Casey's Top 40 was a syndicated radio music program that was distributed by the Westwood One radio network. The show was a vehicle for then-former American Top 40 host and co-creator Casey Kasem and ran for over nine years. Like Kasem's prior show, Casey's Top 40 aired on weekends and was a countdown of the forty biggest hits of the week.


Beginning on July 4, 1970, Kasem hosted American Top 40 for what was then known as Watermark Inc. and which would later, through a merger, become ABC Watermark. In 1988, Kasem's contract expired and ABC Watermark did not renew it, choosing instead to replace the 56-year old host with Hollywood Squares announcer Shadoe Stevens, who was fifteen years younger than Kasem.

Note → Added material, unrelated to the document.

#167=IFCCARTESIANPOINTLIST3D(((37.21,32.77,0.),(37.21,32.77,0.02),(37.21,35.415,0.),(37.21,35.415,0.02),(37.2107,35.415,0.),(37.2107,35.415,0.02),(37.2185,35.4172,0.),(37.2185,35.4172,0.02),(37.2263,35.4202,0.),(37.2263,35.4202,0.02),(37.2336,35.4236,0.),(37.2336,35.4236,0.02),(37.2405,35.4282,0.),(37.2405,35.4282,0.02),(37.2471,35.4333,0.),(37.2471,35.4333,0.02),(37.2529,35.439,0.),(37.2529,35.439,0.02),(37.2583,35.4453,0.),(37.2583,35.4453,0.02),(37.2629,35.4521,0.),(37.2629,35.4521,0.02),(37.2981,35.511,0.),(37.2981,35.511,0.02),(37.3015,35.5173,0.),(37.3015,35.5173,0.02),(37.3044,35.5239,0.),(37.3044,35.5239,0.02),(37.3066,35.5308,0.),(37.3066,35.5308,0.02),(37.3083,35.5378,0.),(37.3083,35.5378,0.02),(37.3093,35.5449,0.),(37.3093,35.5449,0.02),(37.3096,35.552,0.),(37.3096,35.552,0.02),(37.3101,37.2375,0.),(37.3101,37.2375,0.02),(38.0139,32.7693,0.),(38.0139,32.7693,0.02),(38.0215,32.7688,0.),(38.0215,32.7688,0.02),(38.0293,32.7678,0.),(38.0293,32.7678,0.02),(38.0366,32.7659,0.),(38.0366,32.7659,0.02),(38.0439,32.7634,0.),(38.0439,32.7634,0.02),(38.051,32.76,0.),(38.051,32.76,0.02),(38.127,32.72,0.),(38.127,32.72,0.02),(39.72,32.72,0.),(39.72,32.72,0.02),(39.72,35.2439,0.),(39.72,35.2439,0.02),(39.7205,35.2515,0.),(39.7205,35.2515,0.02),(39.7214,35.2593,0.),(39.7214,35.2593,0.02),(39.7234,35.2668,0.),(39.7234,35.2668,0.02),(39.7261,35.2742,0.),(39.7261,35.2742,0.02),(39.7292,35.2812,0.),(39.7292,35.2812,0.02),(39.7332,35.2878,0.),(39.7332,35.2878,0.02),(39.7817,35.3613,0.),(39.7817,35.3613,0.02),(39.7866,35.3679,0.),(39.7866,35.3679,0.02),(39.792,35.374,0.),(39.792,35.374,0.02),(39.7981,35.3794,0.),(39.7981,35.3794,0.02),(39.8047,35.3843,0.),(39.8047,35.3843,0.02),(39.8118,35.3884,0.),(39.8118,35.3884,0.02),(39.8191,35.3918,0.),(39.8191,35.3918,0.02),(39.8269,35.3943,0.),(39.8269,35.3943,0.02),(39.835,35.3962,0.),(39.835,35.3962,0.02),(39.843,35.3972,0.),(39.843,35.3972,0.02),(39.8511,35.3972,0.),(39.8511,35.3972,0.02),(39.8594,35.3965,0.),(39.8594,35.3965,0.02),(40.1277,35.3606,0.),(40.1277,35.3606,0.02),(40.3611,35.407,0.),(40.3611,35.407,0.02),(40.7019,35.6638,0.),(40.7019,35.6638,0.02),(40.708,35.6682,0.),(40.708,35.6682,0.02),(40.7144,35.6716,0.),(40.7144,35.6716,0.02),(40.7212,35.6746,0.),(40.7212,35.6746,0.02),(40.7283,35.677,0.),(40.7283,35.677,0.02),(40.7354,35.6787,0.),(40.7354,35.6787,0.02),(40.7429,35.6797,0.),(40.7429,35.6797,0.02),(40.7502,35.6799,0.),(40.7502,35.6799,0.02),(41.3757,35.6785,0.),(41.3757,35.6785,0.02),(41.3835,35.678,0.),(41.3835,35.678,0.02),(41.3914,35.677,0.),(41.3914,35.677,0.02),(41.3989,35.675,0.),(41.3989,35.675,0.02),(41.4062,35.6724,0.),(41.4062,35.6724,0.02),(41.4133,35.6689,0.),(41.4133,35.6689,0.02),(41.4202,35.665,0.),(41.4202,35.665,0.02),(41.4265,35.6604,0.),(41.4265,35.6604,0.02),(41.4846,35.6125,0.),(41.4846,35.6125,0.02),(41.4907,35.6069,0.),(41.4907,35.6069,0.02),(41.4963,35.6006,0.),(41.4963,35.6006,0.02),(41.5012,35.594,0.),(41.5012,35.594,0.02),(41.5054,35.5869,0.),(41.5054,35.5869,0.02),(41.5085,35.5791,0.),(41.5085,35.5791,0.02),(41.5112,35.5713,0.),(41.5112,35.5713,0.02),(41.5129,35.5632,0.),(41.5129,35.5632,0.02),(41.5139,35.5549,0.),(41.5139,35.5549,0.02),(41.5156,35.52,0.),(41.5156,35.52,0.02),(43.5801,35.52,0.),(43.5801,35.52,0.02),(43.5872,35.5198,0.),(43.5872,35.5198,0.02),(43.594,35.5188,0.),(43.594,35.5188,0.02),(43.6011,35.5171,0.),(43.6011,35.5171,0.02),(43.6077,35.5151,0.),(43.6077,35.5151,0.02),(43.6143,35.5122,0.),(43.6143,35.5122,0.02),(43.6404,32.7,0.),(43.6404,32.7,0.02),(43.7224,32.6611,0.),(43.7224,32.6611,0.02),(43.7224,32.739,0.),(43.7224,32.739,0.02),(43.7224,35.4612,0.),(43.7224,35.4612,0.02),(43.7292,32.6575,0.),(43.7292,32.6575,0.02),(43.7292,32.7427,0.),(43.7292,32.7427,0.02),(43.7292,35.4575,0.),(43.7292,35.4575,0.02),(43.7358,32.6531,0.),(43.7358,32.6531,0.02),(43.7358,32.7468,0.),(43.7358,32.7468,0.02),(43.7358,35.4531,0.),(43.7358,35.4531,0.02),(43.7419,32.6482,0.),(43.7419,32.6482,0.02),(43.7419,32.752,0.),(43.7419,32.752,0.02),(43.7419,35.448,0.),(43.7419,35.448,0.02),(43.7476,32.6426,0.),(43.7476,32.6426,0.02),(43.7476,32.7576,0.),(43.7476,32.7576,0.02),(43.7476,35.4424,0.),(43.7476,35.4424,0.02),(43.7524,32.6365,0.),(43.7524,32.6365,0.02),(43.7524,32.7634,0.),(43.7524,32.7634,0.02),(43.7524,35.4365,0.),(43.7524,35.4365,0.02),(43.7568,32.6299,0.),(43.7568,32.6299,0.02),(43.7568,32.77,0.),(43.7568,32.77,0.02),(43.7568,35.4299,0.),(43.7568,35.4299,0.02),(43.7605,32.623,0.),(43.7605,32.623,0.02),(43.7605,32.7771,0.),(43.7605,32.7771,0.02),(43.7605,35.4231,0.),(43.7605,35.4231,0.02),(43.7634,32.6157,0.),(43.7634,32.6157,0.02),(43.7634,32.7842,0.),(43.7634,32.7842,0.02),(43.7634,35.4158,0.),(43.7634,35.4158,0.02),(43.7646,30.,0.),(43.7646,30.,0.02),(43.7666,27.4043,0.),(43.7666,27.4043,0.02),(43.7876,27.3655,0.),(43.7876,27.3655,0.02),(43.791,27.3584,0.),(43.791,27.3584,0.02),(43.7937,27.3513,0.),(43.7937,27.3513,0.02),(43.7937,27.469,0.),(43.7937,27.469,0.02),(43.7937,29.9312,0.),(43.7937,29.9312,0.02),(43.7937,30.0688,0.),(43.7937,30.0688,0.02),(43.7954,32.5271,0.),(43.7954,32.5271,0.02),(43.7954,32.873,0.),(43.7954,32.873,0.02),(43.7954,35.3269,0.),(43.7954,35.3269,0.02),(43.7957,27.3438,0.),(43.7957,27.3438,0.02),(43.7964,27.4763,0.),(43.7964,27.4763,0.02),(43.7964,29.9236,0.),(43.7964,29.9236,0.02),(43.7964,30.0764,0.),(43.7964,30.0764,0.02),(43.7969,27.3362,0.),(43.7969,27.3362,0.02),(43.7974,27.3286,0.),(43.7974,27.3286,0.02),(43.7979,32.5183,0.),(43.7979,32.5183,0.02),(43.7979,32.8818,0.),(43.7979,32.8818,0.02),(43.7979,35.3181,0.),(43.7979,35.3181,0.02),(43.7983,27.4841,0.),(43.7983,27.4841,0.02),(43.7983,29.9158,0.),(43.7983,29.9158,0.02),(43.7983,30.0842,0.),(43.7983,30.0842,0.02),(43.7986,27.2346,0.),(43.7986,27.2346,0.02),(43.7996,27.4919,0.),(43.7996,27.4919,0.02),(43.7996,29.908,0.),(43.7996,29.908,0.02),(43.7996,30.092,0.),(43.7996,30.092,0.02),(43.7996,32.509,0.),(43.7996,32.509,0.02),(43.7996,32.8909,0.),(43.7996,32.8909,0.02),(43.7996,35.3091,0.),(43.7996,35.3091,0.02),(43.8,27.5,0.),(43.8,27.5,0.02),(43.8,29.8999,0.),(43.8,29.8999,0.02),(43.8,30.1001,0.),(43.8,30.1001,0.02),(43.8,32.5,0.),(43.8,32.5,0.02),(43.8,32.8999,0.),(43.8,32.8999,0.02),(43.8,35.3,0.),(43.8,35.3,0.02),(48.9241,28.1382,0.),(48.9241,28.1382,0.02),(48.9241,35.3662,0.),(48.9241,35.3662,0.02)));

The last AT40 with Kasem aired August 6, 1988.

A free agent after eighteen years, Kasem quickly signed with Westwood One. After developing the show for the remainder of 1988, Casey's Top 40 made its debut on January 21, 1989 on stations from coast to coast. This included a number of stations that dropped AT40 to air Kasem's new show.

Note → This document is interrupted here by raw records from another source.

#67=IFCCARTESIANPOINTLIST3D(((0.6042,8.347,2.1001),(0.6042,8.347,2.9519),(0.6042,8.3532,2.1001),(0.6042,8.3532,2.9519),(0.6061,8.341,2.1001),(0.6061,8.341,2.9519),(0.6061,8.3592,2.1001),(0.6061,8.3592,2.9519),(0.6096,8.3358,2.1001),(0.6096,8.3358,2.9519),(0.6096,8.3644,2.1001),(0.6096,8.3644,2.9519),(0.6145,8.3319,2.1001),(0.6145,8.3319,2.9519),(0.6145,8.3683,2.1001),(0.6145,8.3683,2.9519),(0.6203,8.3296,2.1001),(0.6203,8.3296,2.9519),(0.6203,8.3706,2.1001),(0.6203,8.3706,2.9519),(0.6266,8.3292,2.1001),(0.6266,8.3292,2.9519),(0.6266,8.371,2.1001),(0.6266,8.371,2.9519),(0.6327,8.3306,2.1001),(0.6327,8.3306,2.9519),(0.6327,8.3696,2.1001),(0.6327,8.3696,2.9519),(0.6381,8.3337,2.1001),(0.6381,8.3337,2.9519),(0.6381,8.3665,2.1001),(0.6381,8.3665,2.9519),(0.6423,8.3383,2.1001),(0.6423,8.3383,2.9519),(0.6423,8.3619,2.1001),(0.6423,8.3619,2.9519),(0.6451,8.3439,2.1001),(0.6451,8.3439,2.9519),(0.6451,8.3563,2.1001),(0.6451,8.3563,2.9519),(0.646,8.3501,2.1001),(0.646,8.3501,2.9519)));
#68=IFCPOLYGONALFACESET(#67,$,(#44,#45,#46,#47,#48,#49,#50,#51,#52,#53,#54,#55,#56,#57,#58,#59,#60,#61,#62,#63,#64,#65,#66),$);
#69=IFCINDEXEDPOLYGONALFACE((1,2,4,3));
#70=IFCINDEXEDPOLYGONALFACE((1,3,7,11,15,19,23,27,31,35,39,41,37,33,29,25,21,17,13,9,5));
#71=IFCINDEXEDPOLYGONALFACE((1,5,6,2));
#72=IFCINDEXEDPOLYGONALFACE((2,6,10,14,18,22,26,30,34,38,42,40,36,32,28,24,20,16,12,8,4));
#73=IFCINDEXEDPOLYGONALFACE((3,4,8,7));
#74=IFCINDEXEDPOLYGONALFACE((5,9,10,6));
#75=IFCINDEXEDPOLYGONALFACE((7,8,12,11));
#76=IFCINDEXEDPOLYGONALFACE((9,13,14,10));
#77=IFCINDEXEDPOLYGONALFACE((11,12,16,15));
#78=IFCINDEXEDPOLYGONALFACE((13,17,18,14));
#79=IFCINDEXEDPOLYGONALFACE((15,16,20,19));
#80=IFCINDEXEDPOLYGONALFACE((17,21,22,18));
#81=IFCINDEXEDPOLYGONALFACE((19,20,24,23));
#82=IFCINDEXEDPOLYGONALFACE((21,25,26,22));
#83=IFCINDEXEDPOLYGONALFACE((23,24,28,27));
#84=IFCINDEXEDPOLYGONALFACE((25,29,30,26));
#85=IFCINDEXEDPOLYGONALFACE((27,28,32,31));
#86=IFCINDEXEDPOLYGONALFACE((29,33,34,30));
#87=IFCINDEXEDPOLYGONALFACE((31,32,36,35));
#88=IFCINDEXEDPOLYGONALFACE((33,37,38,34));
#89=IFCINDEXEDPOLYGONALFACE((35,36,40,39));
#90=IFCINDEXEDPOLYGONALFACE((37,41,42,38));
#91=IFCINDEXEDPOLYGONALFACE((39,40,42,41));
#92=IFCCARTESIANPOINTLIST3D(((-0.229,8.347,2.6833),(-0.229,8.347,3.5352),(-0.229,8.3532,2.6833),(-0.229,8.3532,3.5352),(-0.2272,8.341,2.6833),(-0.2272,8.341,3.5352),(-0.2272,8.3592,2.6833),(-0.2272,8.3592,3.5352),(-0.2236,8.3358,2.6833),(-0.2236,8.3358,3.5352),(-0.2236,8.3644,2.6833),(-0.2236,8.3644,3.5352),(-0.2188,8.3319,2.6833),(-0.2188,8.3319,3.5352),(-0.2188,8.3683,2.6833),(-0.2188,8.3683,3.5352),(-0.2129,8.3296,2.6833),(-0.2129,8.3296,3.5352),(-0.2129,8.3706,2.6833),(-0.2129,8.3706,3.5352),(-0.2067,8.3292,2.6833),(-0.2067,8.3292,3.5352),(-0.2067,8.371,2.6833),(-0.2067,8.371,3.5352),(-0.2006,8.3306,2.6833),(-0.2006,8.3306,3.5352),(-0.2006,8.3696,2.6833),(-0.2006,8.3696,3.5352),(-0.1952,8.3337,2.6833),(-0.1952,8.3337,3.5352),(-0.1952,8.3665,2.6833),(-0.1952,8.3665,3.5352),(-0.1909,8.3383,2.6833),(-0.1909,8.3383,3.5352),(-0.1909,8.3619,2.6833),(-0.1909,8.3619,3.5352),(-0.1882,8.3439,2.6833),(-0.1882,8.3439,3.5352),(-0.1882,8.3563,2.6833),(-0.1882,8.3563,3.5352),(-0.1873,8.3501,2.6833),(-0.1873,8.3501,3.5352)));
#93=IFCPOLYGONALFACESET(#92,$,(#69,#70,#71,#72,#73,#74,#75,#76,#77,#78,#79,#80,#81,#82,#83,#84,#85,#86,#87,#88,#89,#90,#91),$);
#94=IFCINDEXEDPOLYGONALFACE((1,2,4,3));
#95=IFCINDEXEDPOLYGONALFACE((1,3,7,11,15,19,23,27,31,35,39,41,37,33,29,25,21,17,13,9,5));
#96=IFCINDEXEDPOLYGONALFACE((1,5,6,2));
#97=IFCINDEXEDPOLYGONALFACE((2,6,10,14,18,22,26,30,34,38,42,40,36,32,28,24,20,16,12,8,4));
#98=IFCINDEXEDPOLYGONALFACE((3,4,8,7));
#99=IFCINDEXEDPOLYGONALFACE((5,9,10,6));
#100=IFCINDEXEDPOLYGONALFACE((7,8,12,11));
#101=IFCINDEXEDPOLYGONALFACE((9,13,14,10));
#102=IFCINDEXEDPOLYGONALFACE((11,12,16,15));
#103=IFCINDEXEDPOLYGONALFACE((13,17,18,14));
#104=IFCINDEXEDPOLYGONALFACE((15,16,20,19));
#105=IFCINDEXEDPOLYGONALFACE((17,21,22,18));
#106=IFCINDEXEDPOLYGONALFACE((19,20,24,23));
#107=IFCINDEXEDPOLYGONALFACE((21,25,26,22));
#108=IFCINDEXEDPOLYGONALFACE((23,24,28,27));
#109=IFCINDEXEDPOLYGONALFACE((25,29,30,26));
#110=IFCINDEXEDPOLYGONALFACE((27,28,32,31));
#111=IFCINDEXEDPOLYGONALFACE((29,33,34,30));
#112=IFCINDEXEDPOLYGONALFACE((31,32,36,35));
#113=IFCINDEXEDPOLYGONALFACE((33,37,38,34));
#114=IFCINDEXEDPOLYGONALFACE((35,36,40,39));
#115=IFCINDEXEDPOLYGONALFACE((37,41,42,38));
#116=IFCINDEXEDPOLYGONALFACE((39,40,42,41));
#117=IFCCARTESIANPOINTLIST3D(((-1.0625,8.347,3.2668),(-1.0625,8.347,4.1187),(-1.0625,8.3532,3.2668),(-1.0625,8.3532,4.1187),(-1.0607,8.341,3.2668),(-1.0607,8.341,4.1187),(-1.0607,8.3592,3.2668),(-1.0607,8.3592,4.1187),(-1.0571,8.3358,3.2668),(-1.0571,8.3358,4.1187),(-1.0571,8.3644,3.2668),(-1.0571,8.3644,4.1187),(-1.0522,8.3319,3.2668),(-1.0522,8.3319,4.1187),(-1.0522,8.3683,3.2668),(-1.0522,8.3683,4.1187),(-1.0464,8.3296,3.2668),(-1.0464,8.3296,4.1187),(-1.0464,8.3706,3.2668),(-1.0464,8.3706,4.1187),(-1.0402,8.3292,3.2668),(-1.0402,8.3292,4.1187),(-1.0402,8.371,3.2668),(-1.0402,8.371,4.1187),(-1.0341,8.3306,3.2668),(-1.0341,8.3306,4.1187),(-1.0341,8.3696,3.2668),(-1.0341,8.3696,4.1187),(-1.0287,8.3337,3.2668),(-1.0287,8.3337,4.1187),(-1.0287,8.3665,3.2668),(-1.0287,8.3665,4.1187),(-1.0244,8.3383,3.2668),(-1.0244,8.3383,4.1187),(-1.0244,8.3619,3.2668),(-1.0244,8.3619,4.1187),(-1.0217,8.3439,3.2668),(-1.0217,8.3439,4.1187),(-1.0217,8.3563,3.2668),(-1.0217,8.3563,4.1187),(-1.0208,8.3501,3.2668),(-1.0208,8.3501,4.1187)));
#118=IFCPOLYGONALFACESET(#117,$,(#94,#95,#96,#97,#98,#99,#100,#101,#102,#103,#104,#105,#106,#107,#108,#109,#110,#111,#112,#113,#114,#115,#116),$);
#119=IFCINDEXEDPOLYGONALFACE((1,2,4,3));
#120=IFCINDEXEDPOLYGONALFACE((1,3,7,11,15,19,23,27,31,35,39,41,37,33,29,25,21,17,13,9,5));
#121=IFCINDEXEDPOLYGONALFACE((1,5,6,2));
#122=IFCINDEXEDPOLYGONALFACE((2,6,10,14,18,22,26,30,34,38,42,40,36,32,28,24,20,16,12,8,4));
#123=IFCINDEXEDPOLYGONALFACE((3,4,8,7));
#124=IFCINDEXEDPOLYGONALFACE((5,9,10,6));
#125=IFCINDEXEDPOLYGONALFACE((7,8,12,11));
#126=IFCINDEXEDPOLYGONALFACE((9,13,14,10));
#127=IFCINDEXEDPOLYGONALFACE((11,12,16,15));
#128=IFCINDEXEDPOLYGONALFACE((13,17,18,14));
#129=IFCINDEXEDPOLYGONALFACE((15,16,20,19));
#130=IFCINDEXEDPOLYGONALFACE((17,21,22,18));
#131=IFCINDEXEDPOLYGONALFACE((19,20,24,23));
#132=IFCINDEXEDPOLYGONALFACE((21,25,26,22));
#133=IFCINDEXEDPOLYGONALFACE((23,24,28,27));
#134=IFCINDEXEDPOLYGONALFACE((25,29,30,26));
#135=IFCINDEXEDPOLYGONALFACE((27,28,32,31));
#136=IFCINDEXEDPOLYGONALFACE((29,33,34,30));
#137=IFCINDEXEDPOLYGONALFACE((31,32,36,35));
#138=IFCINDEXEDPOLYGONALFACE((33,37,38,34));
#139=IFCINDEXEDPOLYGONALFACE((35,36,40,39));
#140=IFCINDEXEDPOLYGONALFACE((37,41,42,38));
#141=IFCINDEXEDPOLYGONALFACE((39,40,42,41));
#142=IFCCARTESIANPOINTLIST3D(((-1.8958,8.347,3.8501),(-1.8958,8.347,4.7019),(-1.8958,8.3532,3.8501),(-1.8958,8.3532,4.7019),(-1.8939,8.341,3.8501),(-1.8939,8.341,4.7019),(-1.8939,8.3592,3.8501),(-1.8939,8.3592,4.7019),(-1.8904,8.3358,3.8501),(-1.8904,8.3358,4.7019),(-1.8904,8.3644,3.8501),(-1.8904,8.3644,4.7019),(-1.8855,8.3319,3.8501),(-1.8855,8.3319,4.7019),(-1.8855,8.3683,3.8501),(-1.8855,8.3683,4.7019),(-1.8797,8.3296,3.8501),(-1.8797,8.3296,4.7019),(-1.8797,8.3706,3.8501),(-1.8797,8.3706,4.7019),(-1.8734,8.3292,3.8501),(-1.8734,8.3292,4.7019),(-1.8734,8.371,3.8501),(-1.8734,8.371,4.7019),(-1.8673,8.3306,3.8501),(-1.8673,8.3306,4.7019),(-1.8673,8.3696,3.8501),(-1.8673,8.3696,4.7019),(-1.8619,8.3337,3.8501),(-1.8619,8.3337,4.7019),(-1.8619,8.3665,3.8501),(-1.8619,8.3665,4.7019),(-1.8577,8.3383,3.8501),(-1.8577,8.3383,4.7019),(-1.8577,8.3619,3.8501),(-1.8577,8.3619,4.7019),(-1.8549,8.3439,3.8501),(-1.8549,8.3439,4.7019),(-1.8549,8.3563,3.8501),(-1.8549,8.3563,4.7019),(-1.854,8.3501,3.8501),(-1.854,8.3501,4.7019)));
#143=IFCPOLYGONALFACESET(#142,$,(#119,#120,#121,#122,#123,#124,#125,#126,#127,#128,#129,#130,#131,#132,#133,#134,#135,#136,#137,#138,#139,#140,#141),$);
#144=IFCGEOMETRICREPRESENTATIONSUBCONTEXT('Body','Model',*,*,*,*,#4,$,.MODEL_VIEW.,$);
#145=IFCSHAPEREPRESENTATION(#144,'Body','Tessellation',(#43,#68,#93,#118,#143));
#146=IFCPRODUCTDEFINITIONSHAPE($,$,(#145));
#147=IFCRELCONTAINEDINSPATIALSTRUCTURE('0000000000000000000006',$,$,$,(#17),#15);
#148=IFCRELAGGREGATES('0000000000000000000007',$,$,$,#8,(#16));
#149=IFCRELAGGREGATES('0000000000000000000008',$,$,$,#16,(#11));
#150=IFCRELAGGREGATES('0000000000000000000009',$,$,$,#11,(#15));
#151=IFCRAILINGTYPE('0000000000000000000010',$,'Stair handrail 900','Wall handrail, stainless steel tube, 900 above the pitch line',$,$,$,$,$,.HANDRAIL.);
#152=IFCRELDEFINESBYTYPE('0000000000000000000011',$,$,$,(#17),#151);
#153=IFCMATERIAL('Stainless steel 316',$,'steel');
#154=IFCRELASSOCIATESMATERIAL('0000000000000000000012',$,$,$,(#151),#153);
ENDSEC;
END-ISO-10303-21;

Similarities between CT40 and AT40[edit]

Casey's Top 40 was similar to Kasem's old AT40 show featuring Kasem's trademark voice, teasers, and trivia on the songs and artists (including the "stretch" stories). The difference was that while American Top 40 always used charts published by Billboard, Casey's Top 40 used the Contemporary hit radio/Pop survey that was published every week by Westwood One's then-subsidiary Radio & Records. The major difference between the two shows at the time of Kasem's debut on Westwood One was that American Top 40 was using the Billboard Hot 100 chart, which tracked sales of singles in addition to airplay, while the Radio & Records charts strictly tracked airplay. (It would take AT40 two more years to switch to a Billboard airplay list.)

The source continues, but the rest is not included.